Improving fossil energy and carbon management systems through advanced sensors and controls technologies

Sensors and Controls
Figure 1: Optical fibers, for use as sensors, are grown using a CO2 laser in NETL’s Laser and Optical Processes Lab

The Crosscutting Research Sensors, Controls, and Novel Concepts program is conducting research and development for technologies that will provide pivotal insights into optimizing performance, reliability, and availability of integrated energy and carbon management systems. NETL develops, tests, and matures novel sensor and control technologies that are operable in next-generation energy systems, including hybrid plants incorporating components such as hydrogen-powered turbines and fuel cells, renewables, and energy storage applications. These sensors enable responsiveness to varying conditions in real time, maintaining high efficiencies and reducing emissions. This research will aid in the achievement of DOE goals which include net-zero carbon emissions in the energy sector by 2035 and a decarbonized wider economy by 2050.

Sensors and Controls advances integration of technologies across the following primary research areas:

Harsh Environment Sensors

The Sensors and Controls program enables and enhances carbon management technologies ranging from hydrogen fuel production and power generation to post-combustion carbon capture. Crosscutting research optimizes sensor arrays, allowing for optimal parameters such as temperature, pressure, fluid composition, and the state of materials.

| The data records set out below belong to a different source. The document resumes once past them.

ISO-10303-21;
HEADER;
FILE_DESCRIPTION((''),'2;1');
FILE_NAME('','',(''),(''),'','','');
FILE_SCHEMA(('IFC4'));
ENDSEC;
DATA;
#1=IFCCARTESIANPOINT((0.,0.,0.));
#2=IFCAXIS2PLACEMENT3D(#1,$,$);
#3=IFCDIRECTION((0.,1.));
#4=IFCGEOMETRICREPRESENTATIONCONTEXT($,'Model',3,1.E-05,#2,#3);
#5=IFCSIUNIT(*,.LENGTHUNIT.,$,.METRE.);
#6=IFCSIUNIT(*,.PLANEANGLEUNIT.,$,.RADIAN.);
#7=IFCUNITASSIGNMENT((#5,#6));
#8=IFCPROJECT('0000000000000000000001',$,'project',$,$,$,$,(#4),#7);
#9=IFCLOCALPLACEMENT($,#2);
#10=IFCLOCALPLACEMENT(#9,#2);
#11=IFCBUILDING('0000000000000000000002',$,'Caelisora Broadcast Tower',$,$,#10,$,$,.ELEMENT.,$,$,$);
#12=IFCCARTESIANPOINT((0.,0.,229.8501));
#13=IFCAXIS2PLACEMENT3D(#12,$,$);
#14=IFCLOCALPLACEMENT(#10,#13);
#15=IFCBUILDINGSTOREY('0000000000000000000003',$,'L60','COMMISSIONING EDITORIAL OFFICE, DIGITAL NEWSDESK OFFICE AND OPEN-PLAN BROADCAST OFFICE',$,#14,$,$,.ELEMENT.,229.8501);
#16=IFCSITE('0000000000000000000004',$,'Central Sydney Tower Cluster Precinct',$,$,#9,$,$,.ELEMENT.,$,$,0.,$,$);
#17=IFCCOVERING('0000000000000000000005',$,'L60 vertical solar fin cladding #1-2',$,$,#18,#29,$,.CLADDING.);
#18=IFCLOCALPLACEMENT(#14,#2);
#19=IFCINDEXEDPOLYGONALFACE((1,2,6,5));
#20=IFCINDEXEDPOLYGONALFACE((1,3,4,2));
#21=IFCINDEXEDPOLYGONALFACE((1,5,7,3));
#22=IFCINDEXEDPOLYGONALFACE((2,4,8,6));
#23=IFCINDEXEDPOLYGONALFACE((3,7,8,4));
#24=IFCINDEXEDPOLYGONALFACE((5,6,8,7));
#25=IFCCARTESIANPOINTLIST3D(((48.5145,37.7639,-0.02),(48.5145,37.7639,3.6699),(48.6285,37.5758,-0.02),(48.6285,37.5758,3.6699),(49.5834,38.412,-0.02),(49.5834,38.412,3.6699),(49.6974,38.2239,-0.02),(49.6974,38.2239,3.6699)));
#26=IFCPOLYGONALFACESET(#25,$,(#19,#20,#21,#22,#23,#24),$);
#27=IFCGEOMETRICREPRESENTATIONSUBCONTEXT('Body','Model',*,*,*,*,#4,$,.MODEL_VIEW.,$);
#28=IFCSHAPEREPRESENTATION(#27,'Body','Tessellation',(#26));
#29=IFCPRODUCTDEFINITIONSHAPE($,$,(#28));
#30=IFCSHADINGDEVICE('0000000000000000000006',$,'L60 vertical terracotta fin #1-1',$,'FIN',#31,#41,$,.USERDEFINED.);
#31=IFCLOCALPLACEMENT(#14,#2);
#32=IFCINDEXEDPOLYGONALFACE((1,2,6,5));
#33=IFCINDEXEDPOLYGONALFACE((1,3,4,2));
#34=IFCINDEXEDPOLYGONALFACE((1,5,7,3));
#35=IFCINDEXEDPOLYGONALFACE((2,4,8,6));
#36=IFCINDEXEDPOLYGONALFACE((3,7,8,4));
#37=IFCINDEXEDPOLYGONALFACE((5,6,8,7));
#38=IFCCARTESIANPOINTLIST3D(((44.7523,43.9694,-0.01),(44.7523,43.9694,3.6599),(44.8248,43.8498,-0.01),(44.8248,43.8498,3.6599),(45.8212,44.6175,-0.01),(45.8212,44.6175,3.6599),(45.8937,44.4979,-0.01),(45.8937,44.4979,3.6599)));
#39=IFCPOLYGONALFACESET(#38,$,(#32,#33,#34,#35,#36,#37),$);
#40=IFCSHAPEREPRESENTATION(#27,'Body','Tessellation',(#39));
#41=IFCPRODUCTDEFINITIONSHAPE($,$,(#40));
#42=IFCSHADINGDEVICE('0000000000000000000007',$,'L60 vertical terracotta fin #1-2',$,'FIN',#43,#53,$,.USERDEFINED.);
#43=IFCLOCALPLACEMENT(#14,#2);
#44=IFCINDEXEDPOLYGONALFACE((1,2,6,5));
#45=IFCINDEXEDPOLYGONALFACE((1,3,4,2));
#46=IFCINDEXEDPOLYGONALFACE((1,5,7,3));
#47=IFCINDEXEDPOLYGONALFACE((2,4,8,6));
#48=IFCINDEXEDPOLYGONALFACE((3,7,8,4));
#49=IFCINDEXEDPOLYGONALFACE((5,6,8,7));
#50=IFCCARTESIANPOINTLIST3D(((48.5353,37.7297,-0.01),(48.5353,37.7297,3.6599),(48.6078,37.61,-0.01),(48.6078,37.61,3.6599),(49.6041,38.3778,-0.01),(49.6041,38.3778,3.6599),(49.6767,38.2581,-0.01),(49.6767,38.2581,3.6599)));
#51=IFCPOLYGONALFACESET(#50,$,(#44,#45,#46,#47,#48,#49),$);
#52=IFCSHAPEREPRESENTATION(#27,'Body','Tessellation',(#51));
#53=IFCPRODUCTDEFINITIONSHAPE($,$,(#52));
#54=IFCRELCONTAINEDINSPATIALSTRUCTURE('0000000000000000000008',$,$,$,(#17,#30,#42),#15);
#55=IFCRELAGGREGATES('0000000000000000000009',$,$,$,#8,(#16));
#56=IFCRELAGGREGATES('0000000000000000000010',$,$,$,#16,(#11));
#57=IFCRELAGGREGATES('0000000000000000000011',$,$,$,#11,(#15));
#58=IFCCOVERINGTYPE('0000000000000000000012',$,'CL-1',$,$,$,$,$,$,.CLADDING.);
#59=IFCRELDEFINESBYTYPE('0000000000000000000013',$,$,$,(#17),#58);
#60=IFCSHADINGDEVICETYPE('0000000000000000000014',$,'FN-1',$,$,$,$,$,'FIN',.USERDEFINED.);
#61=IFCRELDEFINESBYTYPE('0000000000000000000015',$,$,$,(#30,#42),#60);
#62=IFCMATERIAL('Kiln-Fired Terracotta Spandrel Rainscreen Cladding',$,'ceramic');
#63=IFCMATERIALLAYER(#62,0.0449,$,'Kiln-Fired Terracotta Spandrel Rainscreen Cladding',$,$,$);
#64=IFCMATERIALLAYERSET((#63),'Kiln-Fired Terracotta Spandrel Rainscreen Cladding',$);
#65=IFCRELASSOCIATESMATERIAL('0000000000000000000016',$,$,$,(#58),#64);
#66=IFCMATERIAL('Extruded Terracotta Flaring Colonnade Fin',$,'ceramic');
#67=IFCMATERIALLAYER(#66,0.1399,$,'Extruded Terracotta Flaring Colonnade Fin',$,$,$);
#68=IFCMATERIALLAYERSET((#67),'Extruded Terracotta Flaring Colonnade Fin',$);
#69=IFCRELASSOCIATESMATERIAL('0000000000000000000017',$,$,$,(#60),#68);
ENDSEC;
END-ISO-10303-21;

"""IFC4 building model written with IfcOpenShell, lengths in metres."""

from ifc_helpers import new_model, si_unit, direction, frame, origin, origin_2d, place, context, subcontext, project, spatial, rectangle, extrude, source, transform, mapped, material, layer, layer_set, type_object, type_shapes, element, save


model = new_model("IFC4")

# Units and contexts
model_context = context("Model", 3, precision=1e-05, world=origin(), true_north=direction((0.0, 1.0)))
body_context = subcontext(model_context, "Body", "Model", "MODEL_VIEW")
ifc_project = project(units=[si_unit("LENGTHUNIT", "METRE"), si_unit("PLANEANGLEUNIT", "RADIAN")], contexts=[model_context])

# Site, building, storey
site_placement = place(None, origin())
site = spatial("IfcSite", under=ifc_project, at=site_placement, Name="Central Sydney Tower Cluster Precinct", CompositionType="ELEMENT", RefElevation=0.0)
building_placement = place(site_placement, origin())
building = spatial("IfcBuilding", under=site, at=building_placement, Name="Caelisora Broadcast Tower", CompositionType="ELEMENT")
storey_placement = place(building_placement, frame((0.0, 0.0, 229.8501)))
storey = spatial("IfcBuildingStorey", under=building, at=storey_placement, Name="L60", Description="COMMISSIONING EDITORIAL OFFICE, DIGITAL NEWSDESK OFFICE AND OPEN-PLAN BROADCAST OFFICE", CompositionType="ELEMENT", Elevation=229.8501)

# Covering
ifc_material_1 = material(Name="Kiln-Fired Terracotta Spandrel Rainscreen Cladding", Category="ceramic")
ifc_layer_1 = layer(ifc_material_1, 0.0449, Name="Kiln-Fired Terracotta Spandrel Rainscreen Cladding")
ifc_layer_set_1 = layer_set([ifc_layer_1], Name="Kiln-Fired Terracotta Spandrel Rainscreen Cladding")
covering_type = type_object("IfcCoveringType", Name="CL-1", PredefinedType="CLADDING", material=ifc_layer_set_1)
shared_shape_1 = source(origin(), body_context, "Body", "SweptSolid", [
    extrude(rectangle(XDim=0.22, YDim=1.25, at=origin_2d()), origin(), (0.0, 0.0, 1.0), 3.6899),
])
type_shapes(covering_type, [shared_shape_1])
for number, where, z_axis, x_axis, name in (
    (1, (49.106, 37.9939, -0.02), (0.0, 0.0, 1.0), (0.518475, -0.855093, 0.0), "L60 vertical solar fin cladding #1-2"),
):
    element("IfcCovering", number, at=place(storey_placement, frame(where, z_axis=z_axis, x_axis=x_axis)), inside=storey, type_object=covering_type, Name=name, PredefinedType="CLADDING", context=body_context, shape_type="MappedRepresentation", body=[
        mapped(shared_shape_1, transform((0.0, 0.0, 0.0), scale=1.0)),
    ])

# Shading devices
ifc_material_2 = material(Name="Extruded Terracotta Flaring Colonnade Fin", Category="ceramic")
ifc_layer_2 = layer(ifc_material_2, 0.1399, Name="Extruded Terracotta Flaring Colonnade Fin")
ifc_layer_set_2 = layer_set([ifc_layer_2], Name="Extruded Terracotta Flaring Colonnade Fin")
shading_device_type = type_object("IfcShadingDeviceType", Name="FN-1", ElementType="FIN", PredefinedType="USERDEFINED", material=ifc_layer_set_2)
shared_shape_2 = source(origin(), body_context, "Body", "SweptSolid", [
    extrude(rectangle(XDim=0.1399, YDim=1.25, at=origin_2d()), origin(), (0.0, 0.0, 1.0), 3.6699),
])
type_shapes(shading_device_type, [shared_shape_2])
for number, where, z_axis, x_axis, name in (
    (2, (45.323, 44.2336, -0.01), (0.0, 0.0, 1.0), (0.518475, -0.855093, 0.0), "L60 vertical terracotta fin #1-1"),
    (3, (49.106, 37.9939, -0.01), (0.0, 0.0, 1.0), (0.518475, -0.855093, 0.0), "L60 vertical terracotta fin #1-2"),
):
    element("IfcShadingDevice", number, at=place(storey_placement, frame(where, z_axis=z_axis, x_axis=x_axis)), inside=storey, type_object=shading_device_type, Name=name, ObjectType="FIN", PredefinedType="USERDEFINED", context=body_context, shape_type="MappedRepresentation", body=[
        mapped(shared_shape_2, transform((0.0, 0.0, 0.0), scale=1.0)),
    ])

save(model, "model.ifc")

Researchers investigate a range of advanced manufacturing techniques (e.g., 3D printing) to determine the feasibility of embedding sensors with condition-based monitoring algorithms to operate in extreme environments, including pipes and tubing to turbine blades, anticipating maintenance needs and reducing plant downtime. Crosscutting research optimizes sensor placement, allowing for optimal characteristic readings such as temperature, pressure, fluid composition, and the state of materials. The information apprises operators of component health and performance in real time. Robots, ranging from drones to crawlers, have transformed the inspection and repair of equipment for a wide variety of systems. These advances in remote inspection are improving performance, reliability, and economics for future energy infrastructure.

Advanced Controls and Cyber Physical Systems

Controls research at NETL enables optimized performance, increased energy system complexity. Optimized controls will reduce emissions including carbon dioxide and methane, while ensuring safe and efficient performance. Smart control systems enable an optimal balance between operational performance and reliability. Advanced controls will also manage complex interactions of hybrid power systems (featuring renewable generation, energy storage, carbon management, etc.) and other subsystems. The resulting technologies help facilitate carbon emissions reductions.

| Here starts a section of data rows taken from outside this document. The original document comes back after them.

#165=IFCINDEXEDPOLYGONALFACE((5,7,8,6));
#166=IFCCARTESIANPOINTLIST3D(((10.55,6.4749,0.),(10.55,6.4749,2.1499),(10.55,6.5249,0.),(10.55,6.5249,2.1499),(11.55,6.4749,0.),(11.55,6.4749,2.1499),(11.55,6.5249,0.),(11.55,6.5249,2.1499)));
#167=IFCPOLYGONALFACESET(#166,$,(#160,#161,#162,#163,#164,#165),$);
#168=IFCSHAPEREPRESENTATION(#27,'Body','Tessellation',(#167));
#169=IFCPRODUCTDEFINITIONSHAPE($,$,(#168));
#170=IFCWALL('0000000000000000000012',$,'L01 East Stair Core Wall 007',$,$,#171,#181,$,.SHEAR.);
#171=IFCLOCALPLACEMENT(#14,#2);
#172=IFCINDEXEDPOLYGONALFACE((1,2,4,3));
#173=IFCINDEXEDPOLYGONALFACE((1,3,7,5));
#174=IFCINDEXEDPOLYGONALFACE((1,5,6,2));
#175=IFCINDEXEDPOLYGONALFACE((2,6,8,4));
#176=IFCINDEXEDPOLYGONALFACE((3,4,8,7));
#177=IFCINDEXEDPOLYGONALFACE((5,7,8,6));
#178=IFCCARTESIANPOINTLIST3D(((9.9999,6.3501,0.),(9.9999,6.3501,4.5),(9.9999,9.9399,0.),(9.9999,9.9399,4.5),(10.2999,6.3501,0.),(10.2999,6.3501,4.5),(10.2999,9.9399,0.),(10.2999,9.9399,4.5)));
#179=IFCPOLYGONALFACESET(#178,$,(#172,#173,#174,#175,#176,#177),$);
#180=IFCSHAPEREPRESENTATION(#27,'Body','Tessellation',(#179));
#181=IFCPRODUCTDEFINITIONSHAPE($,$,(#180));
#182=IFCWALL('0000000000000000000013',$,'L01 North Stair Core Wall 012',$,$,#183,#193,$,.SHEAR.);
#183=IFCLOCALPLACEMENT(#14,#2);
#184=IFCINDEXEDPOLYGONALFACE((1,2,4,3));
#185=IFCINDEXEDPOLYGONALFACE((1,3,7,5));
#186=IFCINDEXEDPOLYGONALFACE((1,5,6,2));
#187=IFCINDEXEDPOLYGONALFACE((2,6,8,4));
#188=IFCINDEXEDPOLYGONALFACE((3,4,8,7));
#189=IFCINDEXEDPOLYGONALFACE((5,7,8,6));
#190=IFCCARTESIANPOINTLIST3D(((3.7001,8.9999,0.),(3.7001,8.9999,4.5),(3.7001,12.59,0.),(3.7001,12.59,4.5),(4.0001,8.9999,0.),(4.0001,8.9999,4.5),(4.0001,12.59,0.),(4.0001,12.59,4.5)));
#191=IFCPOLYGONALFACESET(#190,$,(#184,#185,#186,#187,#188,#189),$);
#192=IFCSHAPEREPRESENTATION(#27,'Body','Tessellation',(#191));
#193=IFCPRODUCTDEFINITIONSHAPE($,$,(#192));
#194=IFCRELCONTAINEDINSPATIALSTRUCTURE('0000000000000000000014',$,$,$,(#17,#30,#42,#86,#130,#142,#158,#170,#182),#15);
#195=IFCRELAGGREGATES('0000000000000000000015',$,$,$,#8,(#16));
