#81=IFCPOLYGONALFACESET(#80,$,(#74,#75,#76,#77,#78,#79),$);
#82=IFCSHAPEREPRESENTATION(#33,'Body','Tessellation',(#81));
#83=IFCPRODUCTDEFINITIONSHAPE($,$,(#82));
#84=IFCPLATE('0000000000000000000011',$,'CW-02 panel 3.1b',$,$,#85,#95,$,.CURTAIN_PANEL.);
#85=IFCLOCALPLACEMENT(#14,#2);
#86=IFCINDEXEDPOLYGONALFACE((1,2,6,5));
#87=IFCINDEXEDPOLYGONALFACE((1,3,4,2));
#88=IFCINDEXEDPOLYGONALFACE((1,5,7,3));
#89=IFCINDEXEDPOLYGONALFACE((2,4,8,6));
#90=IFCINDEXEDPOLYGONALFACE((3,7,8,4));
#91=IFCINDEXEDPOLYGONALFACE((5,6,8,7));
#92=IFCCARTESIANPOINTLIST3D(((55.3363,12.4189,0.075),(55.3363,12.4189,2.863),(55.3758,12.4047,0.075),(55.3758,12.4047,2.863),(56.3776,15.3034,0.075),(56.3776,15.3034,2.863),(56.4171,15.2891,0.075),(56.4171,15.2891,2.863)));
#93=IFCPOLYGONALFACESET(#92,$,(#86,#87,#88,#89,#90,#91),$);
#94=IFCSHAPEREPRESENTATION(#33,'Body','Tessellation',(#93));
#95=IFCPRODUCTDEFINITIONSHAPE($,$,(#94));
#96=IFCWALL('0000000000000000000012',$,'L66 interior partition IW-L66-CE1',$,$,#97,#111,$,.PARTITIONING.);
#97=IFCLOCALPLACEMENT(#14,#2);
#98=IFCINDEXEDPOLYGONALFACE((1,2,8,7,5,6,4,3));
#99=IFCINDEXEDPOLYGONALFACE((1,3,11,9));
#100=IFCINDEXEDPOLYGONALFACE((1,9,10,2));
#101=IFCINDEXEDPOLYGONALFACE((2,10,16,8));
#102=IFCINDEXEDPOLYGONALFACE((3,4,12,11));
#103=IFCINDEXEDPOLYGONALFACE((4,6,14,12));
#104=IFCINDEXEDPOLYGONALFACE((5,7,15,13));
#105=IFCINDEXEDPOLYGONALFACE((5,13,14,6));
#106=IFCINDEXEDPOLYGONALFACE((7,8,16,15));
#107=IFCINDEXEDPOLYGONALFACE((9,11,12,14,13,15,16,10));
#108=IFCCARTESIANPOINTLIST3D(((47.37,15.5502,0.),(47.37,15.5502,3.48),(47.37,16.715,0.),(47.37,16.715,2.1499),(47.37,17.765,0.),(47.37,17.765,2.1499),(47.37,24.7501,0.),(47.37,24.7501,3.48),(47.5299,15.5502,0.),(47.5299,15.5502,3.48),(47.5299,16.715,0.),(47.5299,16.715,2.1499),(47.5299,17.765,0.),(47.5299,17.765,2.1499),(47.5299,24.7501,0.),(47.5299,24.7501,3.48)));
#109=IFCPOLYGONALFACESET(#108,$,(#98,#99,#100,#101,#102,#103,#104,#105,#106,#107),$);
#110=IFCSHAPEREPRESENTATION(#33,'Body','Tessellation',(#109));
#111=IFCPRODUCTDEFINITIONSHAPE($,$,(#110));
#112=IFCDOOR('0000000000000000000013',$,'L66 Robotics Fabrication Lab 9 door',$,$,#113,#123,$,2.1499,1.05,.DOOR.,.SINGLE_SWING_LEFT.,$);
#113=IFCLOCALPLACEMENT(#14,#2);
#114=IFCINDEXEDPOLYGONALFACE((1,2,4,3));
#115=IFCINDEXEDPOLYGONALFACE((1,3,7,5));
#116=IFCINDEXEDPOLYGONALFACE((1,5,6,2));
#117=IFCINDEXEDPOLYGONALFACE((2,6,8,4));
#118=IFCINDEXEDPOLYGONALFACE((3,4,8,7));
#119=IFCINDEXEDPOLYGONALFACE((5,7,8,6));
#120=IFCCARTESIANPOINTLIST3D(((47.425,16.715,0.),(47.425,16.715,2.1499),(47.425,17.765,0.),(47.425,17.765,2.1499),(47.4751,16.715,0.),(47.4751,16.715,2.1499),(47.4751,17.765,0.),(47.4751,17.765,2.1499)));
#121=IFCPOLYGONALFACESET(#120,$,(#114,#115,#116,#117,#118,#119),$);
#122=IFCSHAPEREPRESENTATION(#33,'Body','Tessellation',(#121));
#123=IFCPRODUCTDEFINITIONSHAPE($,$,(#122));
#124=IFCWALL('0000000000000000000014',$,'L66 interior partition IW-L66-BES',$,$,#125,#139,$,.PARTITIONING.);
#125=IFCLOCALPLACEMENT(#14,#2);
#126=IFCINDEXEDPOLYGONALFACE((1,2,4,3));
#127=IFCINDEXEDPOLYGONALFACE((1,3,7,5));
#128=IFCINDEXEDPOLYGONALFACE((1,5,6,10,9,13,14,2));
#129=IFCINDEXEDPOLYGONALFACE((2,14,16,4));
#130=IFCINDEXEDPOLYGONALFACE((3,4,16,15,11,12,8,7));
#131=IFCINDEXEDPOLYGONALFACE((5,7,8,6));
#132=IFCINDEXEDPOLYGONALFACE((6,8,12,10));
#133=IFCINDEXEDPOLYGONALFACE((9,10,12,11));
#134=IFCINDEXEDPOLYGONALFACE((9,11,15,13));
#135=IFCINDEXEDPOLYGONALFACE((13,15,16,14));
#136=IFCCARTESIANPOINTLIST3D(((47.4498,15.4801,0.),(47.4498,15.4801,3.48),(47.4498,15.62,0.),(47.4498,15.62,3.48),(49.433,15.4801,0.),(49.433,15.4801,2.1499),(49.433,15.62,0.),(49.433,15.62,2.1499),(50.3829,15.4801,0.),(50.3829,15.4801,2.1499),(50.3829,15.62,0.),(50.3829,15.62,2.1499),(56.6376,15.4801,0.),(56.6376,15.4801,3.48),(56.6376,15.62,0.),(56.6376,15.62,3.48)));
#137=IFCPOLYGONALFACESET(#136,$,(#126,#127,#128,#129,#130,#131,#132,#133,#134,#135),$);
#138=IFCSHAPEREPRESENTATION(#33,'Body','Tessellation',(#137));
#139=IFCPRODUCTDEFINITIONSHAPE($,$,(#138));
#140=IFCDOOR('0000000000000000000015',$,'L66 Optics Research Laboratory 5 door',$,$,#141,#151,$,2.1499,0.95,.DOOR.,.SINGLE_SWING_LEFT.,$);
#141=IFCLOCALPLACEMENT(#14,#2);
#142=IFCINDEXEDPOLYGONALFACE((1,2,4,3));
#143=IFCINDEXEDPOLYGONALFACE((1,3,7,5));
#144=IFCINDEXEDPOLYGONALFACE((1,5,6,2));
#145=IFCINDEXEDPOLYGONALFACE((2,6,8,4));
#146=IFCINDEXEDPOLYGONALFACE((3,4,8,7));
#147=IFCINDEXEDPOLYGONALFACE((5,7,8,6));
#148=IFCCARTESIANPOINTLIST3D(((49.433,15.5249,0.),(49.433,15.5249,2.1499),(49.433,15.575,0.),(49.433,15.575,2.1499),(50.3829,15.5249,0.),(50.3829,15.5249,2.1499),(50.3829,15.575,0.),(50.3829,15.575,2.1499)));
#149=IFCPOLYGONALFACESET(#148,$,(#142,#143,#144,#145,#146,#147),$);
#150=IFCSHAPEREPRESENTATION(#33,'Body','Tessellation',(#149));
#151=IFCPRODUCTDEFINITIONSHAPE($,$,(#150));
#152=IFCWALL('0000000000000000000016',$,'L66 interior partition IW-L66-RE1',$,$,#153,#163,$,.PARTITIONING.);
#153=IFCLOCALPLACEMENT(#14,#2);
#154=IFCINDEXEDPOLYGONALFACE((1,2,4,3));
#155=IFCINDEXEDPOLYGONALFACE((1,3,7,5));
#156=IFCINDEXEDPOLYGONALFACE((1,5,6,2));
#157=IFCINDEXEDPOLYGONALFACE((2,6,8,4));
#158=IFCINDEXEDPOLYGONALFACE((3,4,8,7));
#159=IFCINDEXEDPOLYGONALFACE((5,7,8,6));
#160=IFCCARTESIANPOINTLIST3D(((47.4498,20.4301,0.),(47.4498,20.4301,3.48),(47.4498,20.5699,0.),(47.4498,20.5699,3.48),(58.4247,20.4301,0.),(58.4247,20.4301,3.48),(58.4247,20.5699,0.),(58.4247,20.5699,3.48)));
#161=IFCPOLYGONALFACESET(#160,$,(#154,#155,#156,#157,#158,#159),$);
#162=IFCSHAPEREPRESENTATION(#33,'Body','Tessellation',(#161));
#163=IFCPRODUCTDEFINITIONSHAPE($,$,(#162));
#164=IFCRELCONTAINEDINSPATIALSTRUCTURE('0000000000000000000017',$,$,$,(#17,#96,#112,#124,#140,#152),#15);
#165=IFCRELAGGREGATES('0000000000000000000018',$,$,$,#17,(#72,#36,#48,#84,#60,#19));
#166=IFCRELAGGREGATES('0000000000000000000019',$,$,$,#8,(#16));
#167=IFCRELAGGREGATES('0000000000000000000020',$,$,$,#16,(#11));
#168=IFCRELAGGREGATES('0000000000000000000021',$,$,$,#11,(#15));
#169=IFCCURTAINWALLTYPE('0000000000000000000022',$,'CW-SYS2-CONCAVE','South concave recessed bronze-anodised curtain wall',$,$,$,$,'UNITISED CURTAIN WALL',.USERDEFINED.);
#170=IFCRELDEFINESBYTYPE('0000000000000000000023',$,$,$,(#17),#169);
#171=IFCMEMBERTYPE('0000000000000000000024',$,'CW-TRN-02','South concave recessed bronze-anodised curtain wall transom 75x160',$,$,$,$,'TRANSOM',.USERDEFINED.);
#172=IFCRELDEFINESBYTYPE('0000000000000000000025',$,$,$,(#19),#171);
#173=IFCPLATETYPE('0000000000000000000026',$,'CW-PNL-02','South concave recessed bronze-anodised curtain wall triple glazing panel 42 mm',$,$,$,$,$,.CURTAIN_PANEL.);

One prominent crosscutting technology is Hybrid Performance (HYPER), a cyber-physical platform that combines virtual numerical models with physical hardware to realize advanced controls and design. For example, HYPER is a test bed for novel control strategies and cyber security concepts that will improve the performance of existing power plants and optimize next-generation power plants.

Novel Concepts

Novel/emerging technologies are being developed to support energy applications that will prove essential to an equitable, clean energy future. These activities start with next-generation technologies such as quantum sensors, visible light communications, and direct power extraction and move towards technology maturation and then transition to the marketplace. These efforts are complemented with cybersecurity projects including blockchain and distributed ledger technology.


Additional Links and Resources

EDXThe Energy Data eXchange (EDX) is the Department of Energy (DOE)/Fossil Energy and Carbon Management's (FECM) virtual library and data laboratory built to find, connect, curate, use and re-use data to advance FECM and environmental R&D. Developed and maintained by the National Energy Technology Laboratory (NETL), EDX supports the entire life cycle of data by offering secure, private collaborative workspaces for ongoing research projects until they mature and become catalogued, curated, and published. EDX adheres to DOE Cyber policies as well as domestic and international standards for data curation and citation. This ensures data products pushed public via EDX are afforded a citation for proper accreditation and complies with journal publication requirements.

SAMIThe Science-Based Artificial Intelligence and Machine Learning Institute (SAMI) builds off NETL’s unique strengths in science-based modeling and research data curation and management capabilities. It also capitalizes on NETL’s world-class capabilities in high-performance scientific computing. This simulation science is driving breakthroughs in advanced materials design and discovery and reducing the cost and risk of carbon capture utilization and storage. More information about SAMI is available at its data exchange webpage.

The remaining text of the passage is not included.